Category: Troubleshooting → Performance, Job Management
Applies To: Distributed Processing Systems (Hadoop, Spark, etc.), Databases, Any application with batch jobs
Issue Summary
A batch job, data pipeline, or long-running process is executing significantly slower than expected, impacting SLAs, data freshness, or resource utilization.
Possible Cause(s)
List common reasons why this issue may occur.
Resource bottlenecks: Insufficient CPU, memory, disk I/O, or network bandwidth on nodes.
Data skew: Uneven distribution of data, causing some tasks/nodes to process much more data than others.
Input/Output bottlenecks: Slow reads from source systems or slow writes to destination systems.
Configuration issues: Suboptimal job configuration parameters (e.g., too few executors, incorrect parallelism).
Network latency/congestion: High latency or saturation in the network between cluster components.
External dependencies: Slow performance of external databases, APIs, or services the job interacts with.
Small files problem (Hadoop/Spark): Processing many tiny files creates high overhead.
Step-by-Step Resolution
1. Monitor Job Progress and Resources:
Use the job UI to monitor task progress, identify slow stages/tasks.
Monitor resource utilization on cluster nodes (CPU, memory, disk I/O, network).
yarn top 10
2. Analyze Job Logs:
Review driver and executor logs for errors, warnings, or performance indicators.
http://<hostname>:18080/
3. Check for Data Skew:
Look at task durations in the job UI. If a few tasks run significantly longer than others, it's a strong indicator of data skew.

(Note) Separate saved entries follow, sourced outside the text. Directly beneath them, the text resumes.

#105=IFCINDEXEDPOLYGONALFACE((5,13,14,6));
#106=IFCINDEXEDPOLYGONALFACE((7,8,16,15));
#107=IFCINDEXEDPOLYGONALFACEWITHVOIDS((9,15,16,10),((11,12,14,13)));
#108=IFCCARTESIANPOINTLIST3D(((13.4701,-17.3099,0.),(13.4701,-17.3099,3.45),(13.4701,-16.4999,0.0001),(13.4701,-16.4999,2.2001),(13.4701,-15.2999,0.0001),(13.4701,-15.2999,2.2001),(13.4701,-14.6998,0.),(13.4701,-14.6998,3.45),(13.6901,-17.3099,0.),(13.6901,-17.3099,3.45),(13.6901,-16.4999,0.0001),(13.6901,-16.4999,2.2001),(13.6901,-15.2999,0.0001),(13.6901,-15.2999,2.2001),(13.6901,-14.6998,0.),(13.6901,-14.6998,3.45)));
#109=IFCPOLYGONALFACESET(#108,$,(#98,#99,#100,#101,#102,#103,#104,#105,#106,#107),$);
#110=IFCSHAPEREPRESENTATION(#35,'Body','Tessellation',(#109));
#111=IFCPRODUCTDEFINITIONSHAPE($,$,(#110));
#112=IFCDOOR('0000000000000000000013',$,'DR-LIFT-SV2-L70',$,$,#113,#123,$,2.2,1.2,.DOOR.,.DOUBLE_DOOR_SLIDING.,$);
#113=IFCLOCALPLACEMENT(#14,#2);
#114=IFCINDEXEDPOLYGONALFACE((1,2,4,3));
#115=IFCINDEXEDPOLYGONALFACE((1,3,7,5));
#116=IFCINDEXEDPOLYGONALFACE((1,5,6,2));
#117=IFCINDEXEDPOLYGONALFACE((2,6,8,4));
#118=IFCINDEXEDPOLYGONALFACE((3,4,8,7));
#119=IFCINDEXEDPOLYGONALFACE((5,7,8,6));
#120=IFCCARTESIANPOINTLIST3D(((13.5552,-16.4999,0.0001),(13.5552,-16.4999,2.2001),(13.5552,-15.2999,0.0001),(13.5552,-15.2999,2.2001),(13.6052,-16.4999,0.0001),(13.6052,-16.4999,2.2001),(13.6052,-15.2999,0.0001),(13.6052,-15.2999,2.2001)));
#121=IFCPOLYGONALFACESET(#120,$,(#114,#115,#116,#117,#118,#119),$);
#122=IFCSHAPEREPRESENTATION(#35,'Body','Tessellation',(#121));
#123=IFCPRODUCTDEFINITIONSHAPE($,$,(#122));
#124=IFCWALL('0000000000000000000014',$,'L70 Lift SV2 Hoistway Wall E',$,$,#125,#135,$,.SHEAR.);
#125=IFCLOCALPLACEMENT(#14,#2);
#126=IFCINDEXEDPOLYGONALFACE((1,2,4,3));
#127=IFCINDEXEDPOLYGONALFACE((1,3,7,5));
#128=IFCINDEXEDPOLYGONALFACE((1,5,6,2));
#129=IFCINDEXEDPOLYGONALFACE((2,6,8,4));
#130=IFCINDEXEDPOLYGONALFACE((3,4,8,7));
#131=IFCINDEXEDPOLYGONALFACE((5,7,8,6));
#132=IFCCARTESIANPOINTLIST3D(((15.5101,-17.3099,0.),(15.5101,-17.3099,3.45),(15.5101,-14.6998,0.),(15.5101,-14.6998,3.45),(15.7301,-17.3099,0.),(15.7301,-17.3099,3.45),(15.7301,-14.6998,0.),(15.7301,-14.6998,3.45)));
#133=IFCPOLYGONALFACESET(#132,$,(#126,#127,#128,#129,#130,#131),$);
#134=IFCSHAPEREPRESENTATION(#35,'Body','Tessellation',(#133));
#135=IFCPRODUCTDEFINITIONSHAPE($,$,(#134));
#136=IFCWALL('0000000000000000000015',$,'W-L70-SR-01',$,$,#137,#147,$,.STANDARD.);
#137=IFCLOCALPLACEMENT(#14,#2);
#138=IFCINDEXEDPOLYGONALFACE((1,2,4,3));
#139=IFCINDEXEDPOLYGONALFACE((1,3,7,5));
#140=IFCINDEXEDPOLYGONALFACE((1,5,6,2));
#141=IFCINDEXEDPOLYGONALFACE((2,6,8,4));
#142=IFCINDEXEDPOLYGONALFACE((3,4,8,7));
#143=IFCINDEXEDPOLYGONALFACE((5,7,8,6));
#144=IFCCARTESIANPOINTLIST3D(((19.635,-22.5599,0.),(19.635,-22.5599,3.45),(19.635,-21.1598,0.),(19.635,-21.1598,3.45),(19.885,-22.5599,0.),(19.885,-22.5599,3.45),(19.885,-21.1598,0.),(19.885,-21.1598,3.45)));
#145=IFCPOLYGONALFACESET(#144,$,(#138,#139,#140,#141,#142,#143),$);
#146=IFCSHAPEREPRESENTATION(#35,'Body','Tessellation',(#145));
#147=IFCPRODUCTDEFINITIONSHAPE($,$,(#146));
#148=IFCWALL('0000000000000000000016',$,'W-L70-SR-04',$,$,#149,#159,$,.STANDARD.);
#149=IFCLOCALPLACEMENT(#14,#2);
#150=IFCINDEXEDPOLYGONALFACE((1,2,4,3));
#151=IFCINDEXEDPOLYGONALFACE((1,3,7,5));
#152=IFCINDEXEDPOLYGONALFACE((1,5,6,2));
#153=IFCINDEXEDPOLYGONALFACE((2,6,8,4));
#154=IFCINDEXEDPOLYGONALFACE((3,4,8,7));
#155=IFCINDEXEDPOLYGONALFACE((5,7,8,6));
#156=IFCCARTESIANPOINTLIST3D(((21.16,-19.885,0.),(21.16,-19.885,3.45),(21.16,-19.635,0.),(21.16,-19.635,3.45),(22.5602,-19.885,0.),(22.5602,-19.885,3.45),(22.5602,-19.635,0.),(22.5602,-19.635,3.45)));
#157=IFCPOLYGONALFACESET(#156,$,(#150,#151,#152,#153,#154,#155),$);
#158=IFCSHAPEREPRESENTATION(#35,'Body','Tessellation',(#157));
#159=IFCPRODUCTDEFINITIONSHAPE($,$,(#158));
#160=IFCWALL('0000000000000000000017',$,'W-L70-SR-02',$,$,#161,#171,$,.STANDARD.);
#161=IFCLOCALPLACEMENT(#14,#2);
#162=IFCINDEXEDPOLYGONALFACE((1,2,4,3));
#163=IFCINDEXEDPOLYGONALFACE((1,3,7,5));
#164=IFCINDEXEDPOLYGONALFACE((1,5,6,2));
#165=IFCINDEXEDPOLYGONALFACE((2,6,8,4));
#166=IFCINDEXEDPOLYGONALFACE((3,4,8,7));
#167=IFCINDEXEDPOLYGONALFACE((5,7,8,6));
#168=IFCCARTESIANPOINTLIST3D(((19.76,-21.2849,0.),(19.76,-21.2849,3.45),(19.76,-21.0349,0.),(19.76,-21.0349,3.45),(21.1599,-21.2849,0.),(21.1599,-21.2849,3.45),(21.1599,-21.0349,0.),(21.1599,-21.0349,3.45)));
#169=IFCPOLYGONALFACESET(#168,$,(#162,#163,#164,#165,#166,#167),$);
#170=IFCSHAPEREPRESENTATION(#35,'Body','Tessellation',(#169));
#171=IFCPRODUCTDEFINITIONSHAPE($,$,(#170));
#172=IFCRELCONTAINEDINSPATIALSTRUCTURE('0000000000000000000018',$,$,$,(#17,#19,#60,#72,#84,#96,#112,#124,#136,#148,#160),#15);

To check the task duration of job:
4. Review Job Configuration:
For Pyspark:
Add spark configuration within the program file. (.py)
For spark:
Edit in spark configuration:
nano $SPARK_HOME/conf/spark-default.conf
Spark.executor.memory: Amount of memory to use per executor process, in the same format as JVM memory strings with a size unit suffix ("k", "m", "g" or "t") (e.g. 512m, 2g).
Spark.executor.cores: The number of cores to use on each executor. In standalone and Mesos coarse-grained modes.

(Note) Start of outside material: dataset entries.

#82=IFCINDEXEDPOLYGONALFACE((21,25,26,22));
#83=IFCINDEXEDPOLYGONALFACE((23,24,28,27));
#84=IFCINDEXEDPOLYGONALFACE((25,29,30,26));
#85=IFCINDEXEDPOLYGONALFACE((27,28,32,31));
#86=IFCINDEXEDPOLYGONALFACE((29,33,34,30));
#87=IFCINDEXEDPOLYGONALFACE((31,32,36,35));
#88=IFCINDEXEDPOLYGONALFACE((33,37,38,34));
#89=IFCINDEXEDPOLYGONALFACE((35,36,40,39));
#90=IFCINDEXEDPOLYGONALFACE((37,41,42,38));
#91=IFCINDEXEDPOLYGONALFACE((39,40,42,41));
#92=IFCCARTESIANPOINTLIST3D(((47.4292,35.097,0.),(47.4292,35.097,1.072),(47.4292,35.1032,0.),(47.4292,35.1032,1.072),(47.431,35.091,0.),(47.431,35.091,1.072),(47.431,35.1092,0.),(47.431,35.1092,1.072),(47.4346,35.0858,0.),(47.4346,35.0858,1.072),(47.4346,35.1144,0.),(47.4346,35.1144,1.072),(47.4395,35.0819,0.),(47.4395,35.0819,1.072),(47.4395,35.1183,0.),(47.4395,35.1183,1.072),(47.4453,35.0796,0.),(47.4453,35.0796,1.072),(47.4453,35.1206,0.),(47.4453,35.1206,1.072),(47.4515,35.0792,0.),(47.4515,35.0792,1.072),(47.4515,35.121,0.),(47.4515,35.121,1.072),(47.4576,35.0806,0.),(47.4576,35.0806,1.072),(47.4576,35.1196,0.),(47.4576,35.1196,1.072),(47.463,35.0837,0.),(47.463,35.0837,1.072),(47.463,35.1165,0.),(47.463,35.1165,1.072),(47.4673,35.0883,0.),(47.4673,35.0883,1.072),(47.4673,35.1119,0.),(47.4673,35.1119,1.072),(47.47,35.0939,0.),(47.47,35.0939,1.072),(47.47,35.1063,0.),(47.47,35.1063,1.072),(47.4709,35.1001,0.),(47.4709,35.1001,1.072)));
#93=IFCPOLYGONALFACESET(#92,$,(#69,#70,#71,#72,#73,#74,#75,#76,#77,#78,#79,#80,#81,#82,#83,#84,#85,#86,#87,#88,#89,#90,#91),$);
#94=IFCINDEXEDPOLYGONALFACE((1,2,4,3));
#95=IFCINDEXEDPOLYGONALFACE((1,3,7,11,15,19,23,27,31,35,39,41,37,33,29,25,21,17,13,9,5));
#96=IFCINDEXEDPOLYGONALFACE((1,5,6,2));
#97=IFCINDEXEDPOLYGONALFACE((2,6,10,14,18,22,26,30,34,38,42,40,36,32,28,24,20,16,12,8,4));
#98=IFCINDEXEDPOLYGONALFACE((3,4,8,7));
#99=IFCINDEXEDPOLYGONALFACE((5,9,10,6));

Spark.dynamicAllocation.enabled: Whether to use dynamic resource allocation, which scales the number of executors registered with this application up and down based on the workload.
Spark.default.parallelism: Spark's default parallelism is not a fixed number; it's determined based on the environment. In local mode, it defaults to the number of cores on your machine. In cluster mode, it's typically the number of available cores in the cluster, but it can be overridden.
5. Optimize I/O:
File formats: Use efficient file formats (e.g., Parquet, ORC) for large datasets.
6. Refine Code/Queries:
Review the job code for inefficient loops, unnecessary computations, or redundant operations.
For SQL-based jobs, analyze query plans and optimize indexes, joins, and filtering.
7. Address Small Files:
If dealing with many small files, consider combining them into larger files before processing.
Additional Notes:
Profiling the application code can reveal hotspots causing slowness.
Baseline performance measurements are crucial to identify when a job is actually “slow”.
Break down complex jobs into smaller, manageable stages to isolate performance issues.